Both controlled patterns began at submaximal stimulus levels for all participants. Differences between actual cycling cadence and target cadence created an error signal e(t) that drove proportional-integral (PI) controller(s) to adjust PW delivered by the active contact(s) (Figs. 2, 3). Error calculations were recomputed every stimulation period (0.04 ms, 25 Hz) such that PW values were adjusted for each pulse within the knee extensor phase of the pedal stroke. P and I gains (0.37 ± 0.12 and 0.54 ± 0.16, respectively) were initially set according to those found to best track a sinusoidal target output during isometric studies [20] and further heuristically adjusted as necessary to produce smooth but responsive cycling.
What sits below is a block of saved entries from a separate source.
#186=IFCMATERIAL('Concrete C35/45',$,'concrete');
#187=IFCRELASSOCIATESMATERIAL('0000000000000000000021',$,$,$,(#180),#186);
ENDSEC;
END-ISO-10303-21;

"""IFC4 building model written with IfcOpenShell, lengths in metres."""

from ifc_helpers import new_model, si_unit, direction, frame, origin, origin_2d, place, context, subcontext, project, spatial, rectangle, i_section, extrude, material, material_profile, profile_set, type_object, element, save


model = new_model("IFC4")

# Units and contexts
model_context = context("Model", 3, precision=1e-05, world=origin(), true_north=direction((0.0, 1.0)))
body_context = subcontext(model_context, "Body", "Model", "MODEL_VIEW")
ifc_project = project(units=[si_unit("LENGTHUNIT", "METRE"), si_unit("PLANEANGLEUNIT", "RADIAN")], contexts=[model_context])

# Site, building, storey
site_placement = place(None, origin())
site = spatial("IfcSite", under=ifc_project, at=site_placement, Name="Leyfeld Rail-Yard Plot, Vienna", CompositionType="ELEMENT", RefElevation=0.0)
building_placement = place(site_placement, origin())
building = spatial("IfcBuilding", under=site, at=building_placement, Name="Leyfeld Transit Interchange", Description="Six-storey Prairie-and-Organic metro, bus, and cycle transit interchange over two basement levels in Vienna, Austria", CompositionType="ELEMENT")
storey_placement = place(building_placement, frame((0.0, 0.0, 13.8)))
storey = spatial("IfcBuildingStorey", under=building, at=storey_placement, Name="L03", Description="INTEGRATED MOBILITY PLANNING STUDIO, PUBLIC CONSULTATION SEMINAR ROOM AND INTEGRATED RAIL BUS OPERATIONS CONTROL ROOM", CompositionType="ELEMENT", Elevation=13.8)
Instantaneous cadence was calculated in the stimulation model as the rate of change of the crank angle. Because cadence is proportional to different power outputs for each gear on the drivetrain, the participant remained in the same gear throughout these cadence-controlled trials to ensure actual power was in the desired mid-level range. Controlled trial fixed gears and target cadences were chosen such that corresponding target power outputs would be between peak and steady state powers produced with S-Max stimulation. Stimulus pulse amplitude (PA) remained fixed at the lowest value that produced a full range of contraction strength from just noticeable to maximal contraction over the available PW range (PA = 0.8 or 2.1 mA for all quadriceps-activating contacts).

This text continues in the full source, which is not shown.